Okay, thanks! I thought that could be the issue, I'll file it down more and try. Good to know it fits!


----------



## bcmanucd (Oct 18, 2005)

ecooke21 said:


> Anyone have any idea what the thread pitch is for the steerer tube tool? Really don't want to spend the. $


I measured mine, 24 threads per inch. Looks to be 1" diameter, but most likely something custom to cut just the bare minimum of material out of a steer tube.

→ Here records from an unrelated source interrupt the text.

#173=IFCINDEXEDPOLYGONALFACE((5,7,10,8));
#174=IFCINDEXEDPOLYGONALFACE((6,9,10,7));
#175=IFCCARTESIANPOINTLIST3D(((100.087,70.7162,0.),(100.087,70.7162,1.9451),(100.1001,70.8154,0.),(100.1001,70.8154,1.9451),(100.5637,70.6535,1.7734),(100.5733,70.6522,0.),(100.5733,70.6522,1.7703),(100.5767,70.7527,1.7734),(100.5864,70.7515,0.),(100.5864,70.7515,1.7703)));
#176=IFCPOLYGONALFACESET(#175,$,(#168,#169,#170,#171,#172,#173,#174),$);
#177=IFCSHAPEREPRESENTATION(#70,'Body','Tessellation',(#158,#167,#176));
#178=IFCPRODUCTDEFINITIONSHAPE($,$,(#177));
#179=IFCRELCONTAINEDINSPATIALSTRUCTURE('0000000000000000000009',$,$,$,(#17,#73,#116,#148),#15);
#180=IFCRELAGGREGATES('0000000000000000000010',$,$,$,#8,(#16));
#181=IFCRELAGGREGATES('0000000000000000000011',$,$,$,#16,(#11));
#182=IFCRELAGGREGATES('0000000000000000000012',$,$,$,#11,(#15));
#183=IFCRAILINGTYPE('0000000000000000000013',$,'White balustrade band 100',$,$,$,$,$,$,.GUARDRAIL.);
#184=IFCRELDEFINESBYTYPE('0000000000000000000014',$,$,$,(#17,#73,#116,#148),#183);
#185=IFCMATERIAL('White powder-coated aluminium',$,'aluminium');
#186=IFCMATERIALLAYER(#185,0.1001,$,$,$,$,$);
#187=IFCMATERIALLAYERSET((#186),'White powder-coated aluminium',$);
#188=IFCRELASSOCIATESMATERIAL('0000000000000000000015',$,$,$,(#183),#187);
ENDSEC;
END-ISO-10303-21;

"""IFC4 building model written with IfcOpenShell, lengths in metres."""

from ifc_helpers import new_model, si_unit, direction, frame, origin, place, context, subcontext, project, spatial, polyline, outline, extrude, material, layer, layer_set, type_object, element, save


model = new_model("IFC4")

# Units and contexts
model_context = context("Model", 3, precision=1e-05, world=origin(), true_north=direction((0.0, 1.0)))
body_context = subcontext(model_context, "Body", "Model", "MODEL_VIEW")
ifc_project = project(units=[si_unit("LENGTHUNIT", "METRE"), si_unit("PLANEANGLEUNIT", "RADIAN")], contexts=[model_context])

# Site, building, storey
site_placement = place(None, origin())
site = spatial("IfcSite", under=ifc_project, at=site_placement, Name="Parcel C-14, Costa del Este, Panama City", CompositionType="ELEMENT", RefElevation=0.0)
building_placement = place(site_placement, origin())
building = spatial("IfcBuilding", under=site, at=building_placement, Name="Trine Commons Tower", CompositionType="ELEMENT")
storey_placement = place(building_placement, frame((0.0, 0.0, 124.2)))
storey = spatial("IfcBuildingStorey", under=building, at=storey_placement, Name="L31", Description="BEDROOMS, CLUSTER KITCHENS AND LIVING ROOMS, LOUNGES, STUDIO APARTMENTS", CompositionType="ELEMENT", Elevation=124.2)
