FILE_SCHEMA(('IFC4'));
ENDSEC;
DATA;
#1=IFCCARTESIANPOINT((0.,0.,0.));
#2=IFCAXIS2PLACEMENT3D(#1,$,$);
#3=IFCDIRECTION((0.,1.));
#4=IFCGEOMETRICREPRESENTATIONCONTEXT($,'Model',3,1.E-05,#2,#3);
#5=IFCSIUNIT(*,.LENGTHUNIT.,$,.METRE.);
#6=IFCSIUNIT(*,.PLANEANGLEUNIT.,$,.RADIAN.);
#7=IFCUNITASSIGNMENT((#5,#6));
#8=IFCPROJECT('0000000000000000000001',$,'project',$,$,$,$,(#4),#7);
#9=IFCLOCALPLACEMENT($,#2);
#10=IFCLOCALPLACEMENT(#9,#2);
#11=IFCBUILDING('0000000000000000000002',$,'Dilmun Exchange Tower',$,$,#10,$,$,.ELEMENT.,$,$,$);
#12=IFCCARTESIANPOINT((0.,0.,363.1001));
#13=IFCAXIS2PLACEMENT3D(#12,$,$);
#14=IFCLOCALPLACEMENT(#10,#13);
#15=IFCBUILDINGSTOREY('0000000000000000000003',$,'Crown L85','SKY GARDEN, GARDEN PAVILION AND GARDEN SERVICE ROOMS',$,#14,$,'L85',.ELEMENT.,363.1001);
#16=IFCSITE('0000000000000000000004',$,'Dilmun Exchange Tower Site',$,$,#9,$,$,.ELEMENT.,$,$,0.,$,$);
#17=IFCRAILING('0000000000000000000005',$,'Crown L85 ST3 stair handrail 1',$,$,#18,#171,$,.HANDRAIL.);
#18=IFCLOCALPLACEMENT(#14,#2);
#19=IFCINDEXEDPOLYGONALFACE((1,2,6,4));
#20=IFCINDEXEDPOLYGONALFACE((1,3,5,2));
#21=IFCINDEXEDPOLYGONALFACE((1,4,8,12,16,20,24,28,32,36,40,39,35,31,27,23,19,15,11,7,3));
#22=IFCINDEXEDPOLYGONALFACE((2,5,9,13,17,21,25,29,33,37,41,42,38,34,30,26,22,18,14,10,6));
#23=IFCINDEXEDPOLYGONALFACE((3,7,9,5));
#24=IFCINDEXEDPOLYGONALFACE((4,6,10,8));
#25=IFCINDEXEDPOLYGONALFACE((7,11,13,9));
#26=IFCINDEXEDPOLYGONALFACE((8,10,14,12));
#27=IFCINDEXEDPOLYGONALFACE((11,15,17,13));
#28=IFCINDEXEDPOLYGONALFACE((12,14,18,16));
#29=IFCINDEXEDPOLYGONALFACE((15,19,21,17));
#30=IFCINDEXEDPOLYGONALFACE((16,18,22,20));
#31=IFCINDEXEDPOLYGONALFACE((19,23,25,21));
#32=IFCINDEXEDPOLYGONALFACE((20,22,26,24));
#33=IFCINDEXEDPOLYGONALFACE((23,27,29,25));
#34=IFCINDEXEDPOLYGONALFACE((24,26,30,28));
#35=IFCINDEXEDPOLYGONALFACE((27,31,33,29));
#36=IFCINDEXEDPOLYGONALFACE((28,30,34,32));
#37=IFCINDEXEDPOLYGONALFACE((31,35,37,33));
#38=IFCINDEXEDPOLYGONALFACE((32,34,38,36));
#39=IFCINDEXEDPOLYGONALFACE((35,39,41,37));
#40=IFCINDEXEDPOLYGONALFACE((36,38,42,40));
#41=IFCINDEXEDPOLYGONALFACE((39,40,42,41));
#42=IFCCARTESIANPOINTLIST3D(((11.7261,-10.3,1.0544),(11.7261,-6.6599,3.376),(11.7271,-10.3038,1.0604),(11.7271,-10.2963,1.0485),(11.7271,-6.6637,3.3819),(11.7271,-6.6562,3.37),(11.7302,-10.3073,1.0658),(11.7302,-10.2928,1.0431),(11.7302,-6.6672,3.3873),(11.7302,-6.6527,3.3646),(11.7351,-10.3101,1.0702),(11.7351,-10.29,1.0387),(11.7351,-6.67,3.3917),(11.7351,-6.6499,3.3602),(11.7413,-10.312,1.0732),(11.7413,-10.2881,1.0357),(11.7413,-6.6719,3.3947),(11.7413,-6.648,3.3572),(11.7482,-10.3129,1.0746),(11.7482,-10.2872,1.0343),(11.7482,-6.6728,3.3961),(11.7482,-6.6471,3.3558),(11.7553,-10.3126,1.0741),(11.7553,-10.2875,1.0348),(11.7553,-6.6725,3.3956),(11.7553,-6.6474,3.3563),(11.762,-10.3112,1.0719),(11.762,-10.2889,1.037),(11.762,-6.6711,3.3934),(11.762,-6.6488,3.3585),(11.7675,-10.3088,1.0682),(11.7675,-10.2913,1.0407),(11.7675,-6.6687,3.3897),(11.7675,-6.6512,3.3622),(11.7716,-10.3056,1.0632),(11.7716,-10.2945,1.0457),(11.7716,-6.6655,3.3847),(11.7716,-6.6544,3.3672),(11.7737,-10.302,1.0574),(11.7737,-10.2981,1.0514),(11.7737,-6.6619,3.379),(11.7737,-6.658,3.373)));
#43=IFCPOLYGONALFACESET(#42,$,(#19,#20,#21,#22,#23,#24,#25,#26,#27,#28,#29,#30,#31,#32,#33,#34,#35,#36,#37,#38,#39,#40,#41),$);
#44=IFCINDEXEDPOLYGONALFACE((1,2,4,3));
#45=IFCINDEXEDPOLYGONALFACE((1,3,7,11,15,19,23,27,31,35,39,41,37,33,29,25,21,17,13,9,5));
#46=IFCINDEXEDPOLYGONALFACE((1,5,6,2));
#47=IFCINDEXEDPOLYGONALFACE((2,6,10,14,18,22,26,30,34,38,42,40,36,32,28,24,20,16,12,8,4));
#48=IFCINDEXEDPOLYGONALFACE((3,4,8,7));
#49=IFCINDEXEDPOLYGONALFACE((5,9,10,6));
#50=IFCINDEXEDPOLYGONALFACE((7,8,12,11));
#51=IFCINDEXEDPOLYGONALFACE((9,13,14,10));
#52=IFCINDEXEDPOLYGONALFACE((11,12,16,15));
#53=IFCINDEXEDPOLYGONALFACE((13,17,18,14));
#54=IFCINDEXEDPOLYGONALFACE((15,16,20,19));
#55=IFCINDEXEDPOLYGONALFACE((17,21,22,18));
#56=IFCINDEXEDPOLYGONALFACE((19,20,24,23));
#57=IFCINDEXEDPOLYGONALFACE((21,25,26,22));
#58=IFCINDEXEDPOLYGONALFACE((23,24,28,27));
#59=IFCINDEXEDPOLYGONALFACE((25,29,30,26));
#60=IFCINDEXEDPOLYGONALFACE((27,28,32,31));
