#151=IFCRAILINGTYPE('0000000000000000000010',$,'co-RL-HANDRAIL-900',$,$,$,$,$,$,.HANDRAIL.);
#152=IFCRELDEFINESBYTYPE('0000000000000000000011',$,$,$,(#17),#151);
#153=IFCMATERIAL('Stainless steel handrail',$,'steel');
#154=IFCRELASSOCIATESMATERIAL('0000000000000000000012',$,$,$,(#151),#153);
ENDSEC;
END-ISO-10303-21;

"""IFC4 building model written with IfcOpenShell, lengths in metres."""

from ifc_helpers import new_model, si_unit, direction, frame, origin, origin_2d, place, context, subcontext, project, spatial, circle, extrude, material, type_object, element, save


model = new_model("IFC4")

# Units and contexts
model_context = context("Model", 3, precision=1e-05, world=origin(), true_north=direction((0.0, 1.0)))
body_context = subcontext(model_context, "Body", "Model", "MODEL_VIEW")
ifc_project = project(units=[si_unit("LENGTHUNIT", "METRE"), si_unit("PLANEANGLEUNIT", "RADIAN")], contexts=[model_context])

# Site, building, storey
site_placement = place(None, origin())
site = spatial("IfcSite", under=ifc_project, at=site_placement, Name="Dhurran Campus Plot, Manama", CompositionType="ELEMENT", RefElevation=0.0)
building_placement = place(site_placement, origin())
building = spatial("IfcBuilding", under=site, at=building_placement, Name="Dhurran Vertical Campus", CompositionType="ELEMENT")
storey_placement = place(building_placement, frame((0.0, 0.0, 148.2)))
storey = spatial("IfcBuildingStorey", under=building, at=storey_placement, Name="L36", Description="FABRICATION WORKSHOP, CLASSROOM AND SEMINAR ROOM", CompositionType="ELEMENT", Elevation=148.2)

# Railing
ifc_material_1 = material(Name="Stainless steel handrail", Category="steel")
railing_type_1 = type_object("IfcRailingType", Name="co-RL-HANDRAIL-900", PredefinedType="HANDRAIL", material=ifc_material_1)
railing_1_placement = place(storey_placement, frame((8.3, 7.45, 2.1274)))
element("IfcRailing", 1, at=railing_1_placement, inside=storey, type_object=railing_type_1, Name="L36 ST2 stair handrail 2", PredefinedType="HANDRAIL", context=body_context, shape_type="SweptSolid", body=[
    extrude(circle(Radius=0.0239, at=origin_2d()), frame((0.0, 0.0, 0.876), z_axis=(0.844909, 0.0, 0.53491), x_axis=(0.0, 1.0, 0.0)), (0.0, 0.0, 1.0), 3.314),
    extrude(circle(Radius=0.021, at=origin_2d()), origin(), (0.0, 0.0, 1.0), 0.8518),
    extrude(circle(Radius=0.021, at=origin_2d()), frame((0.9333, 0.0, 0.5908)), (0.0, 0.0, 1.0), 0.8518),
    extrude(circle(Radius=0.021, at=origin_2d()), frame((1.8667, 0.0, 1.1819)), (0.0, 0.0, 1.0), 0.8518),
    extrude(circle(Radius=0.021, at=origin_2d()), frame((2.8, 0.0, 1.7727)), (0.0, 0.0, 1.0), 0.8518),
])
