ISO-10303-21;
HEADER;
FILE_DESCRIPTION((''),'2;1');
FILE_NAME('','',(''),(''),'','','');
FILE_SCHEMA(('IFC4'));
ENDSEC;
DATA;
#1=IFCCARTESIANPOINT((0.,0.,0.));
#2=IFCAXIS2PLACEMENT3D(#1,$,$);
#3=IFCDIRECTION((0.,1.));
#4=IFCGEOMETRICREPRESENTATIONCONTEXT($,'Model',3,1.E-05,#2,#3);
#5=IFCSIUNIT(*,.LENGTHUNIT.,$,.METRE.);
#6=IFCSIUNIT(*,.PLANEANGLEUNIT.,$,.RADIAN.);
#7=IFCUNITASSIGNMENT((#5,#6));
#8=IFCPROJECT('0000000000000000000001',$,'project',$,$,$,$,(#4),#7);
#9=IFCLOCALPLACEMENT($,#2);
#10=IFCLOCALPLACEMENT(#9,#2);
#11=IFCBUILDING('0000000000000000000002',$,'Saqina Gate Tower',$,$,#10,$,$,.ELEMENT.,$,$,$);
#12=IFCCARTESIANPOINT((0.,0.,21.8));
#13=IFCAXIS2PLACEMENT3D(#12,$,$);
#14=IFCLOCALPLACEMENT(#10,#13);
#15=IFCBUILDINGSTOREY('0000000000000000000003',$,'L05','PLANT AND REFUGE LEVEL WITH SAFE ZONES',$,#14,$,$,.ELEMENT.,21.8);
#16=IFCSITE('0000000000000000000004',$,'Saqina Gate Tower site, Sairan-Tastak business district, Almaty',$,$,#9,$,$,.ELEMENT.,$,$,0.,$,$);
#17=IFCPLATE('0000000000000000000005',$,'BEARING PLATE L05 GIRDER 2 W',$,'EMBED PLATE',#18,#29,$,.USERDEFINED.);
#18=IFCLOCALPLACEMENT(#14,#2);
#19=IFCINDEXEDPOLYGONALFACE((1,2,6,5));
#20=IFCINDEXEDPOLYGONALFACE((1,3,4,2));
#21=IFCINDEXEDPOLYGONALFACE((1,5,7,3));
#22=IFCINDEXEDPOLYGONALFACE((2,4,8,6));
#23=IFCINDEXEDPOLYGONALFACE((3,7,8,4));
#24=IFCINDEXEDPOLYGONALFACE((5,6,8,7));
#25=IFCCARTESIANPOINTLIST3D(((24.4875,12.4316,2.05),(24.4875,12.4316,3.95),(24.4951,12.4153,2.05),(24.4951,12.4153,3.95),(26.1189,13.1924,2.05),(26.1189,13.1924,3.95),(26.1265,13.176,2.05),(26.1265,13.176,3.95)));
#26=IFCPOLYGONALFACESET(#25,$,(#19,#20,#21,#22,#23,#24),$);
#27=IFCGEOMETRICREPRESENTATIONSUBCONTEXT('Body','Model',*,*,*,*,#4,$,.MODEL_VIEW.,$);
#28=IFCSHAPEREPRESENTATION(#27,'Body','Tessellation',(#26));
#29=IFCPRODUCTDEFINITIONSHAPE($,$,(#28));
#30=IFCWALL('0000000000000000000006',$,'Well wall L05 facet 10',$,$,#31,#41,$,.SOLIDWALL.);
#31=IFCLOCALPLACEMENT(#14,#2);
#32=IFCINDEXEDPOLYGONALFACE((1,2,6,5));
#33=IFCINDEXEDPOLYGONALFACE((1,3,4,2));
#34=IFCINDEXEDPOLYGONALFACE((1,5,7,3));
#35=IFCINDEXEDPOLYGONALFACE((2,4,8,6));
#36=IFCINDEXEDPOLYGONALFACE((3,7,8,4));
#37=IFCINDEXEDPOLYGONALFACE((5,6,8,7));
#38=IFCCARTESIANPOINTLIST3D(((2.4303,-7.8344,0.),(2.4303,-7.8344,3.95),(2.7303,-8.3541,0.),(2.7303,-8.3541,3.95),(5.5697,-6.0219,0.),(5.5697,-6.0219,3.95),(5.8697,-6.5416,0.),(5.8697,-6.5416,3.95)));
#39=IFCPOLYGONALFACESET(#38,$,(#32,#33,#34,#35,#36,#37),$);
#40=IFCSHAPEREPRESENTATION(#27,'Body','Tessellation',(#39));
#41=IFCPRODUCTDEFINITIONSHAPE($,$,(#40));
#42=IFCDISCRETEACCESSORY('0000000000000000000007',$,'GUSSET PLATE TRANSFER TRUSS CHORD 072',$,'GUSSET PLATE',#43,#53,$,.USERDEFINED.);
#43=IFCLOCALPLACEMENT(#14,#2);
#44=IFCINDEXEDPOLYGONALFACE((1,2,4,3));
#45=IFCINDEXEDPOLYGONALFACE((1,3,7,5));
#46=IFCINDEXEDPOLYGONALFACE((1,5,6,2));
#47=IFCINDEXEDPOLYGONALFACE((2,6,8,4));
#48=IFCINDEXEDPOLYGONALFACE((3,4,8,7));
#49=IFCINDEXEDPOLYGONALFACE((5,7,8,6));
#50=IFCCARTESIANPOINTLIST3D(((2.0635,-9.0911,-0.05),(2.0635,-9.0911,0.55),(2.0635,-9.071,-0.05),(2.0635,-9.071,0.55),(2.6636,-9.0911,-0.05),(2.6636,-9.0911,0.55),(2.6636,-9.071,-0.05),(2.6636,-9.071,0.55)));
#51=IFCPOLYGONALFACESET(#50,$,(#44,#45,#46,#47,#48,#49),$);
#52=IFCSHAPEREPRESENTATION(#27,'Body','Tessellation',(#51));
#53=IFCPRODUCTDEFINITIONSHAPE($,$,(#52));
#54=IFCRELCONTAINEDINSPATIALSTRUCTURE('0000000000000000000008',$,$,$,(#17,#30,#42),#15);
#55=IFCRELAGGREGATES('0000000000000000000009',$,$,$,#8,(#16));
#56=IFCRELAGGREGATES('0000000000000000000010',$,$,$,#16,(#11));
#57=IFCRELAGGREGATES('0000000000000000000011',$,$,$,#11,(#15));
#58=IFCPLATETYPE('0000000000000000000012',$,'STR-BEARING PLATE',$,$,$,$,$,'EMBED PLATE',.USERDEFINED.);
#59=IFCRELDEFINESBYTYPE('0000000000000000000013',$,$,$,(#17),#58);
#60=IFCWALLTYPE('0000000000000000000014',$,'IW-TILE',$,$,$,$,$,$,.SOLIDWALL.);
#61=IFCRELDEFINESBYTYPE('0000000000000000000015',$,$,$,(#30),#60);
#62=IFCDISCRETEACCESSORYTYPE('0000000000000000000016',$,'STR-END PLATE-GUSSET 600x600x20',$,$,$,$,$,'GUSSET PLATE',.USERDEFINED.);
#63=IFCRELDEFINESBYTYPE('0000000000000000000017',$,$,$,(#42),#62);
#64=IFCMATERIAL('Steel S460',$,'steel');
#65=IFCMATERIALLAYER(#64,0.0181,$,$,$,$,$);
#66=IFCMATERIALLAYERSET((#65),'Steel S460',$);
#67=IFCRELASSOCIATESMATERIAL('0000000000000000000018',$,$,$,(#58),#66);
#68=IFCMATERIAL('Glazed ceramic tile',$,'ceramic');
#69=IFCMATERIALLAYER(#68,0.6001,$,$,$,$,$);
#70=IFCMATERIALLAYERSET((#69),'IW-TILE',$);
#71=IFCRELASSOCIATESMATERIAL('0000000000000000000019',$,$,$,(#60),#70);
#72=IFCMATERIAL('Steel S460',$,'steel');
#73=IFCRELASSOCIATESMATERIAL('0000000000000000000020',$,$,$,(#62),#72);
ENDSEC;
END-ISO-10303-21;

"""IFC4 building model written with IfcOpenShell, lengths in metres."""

from ifc_helpers import new_model, si_unit, direction, frame, frame_2d, origin, origin_2d, place, context, subcontext, project, spatial, polyline, rectangle, outline, extrude, material, layer, layer_set, material_profile, profile_set, type_object, element, save


model = new_model("IFC4")

# Units and contexts
model_context = context("Model", 3, precision=1e-05, world=origin(), true_north=direction((0.0, 1.0)))
body_context = subcontext(model_context, "Body", "Model", "MODEL_VIEW")
ifc_project = project(units=[si_unit("LENGTHUNIT", "METRE"), si_unit("PLANEANGLEUNIT", "RADIAN")], contexts=[model_context])

# Site, building, storey
site_placement = place(None, origin())
site = spatial("IfcSite", under=ifc_project, at=site_placement, Name="Saqina Gate Tower site, Sairan-Tastak business district, Almaty", CompositionType="ELEMENT", RefElevation=0.0)
building_placement = place(site_placement, origin())
building = spatial("IfcBuilding", under=site, at=building_placement, Name="Saqina Gate Tower", CompositionType="ELEMENT")
storey_placement = place(building_placement, frame((0.0, 0.0, 21.8)))
storey = spatial("IfcBuildingStorey", under=building, at=storey_placement, Name="L05", Description="PLANT AND REFUGE LEVEL WITH SAFE ZONES", CompositionType="ELEMENT", Elevation=21.8)

# Plate
ifc_material_1 = material(Name="Steel S460", Category="steel")
ifc_layer_1 = layer(ifc_material_1, 0.0181)
ifc_layer_set_1 = layer_set([ifc_layer_1], Name="Steel S460")
plate_type = type_object("IfcPlateType", Name="STR-BEARING PLATE", ElementType="EMBED PLATE", PredefinedType="USERDEFINED", material=ifc_layer_set_1)
plate_1_placement = place(storey_placement, frame((0.0, 0.0, 2.05)))
element("IfcPlate", 1, at=plate_1_placement, inside=storey, type_object=plate_type, Name="BEARING PLATE L05 GIRDER 2 W", ObjectType="EMBED PLATE", PredefinedType="USERDEFINED", context=body_context, shape_type="SweptSolid", body=[
    extrude(outline(polyline([(26.1189, 13.1924), (24.4875, 12.4316), (24.4951, 12.4153), (26.1265, 13.176), (26.1189, 13.1924)])), origin(), (0.0, 0.0, 1.0), 1.8999),
])

# Wall
ifc_material_2 = material(Name="Glazed ceramic tile", Category="ceramic")
ifc_layer_2 = layer(ifc_material_2, 0.6001)
ifc_layer_set_2 = layer_set([ifc_layer_2], Name="IW-TILE")
wall_type = type_object("IfcWallType", Name="IW-TILE", PredefinedType="SOLIDWALL", material=ifc_layer_set_2)
wall_placement = place(storey_placement, frame((2.5803, -8.0942, 0.0), z_axis=(0.0, 0.0, 1.0), x_axis=(0.86603, 0.499993, 0.0)))
element("IfcWall", 2, at=wall_placement, inside=storey, type_object=wall_type, Name="Well wall L05 facet 10", PredefinedType="SOLIDWALL", context=body_context, shape_type="SweptSolid", body=[
    extrude(rectangle(XDim=3.625, YDim=0.6001, at=frame_2d((1.8125, 0.0))), origin(), (0.0, 0.0, 1.0), 3.95),
])

# Discrete accessory
ifc_material_3 = material(Name="Steel S460", Category="steel")
ifc_material_profile_1 = material_profile(ifc_material_3, rectangle(XDim=0.6001, YDim=0.6001, at=origin_2d()), Name="STR-END PLATE-GUSSET 600x600x20")
ifc_profile_set_1 = profile_set([ifc_material_profile_1], Name="Steel S460")
discrete_accessory_type = type_object("IfcDiscreteAccessoryType", Name="STR-END PLATE-GUSSET 600x600x20", ElementType="GUSSET PLATE", PredefinedType="USERDEFINED", material=ifc_profile_set_1)
discrete_accessory_placement = place(storey_placement, frame((2.3635, -9.071, 0.25), z_axis=(0.0, -1.0, 0.0), x_axis=(1.0, 0.0, 0.0)))
element("IfcDiscreteAccessory", 3, at=discrete_accessory_placement, inside=storey, type_object=discrete_accessory_type, Name="GUSSET PLATE TRANSFER TRUSS CHORD 072", ObjectType="GUSSET PLATE", PredefinedType="USERDEFINED", context=body_context, shape_type="SweptSolid", body=[
    extrude(rectangle(XDim=0.6001, YDim=0.6001, at=origin_2d()), origin(), (0.0, 0.0, 1.0), 0.02),
])

save(model, "model.ifc")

I really wouldn't recommend trying to thread a steer tube without their specific tap. The whole kit works really well and makes it impossible to tap too deep into the steer tube, which could be disastrous if you remove material from the area where the stem clamps. Plus, I just looked for 1-24 taps and couldn't find anything close to the $35 OneUp charges for the tap kit.


----------



## ecooke21 (Aug 18, 2007)

I ended up buying the tool. It should be here tomorrow.


----------



## bcmanucd (Oct 18, 2005)

I love my OneUp EDC so much I bought another one for my commuter bike a couple weeks ago. Last weekend I tried to use the quick-link breaker function on a friend's bike, and forgot how to do it. I watched the video today and tried it with the EDC on my commuter, and discovered that they changed the design to remove the quick-link breaker function. It's no longer listed as a feature on the website, although the overview video still lists it and shows the old design.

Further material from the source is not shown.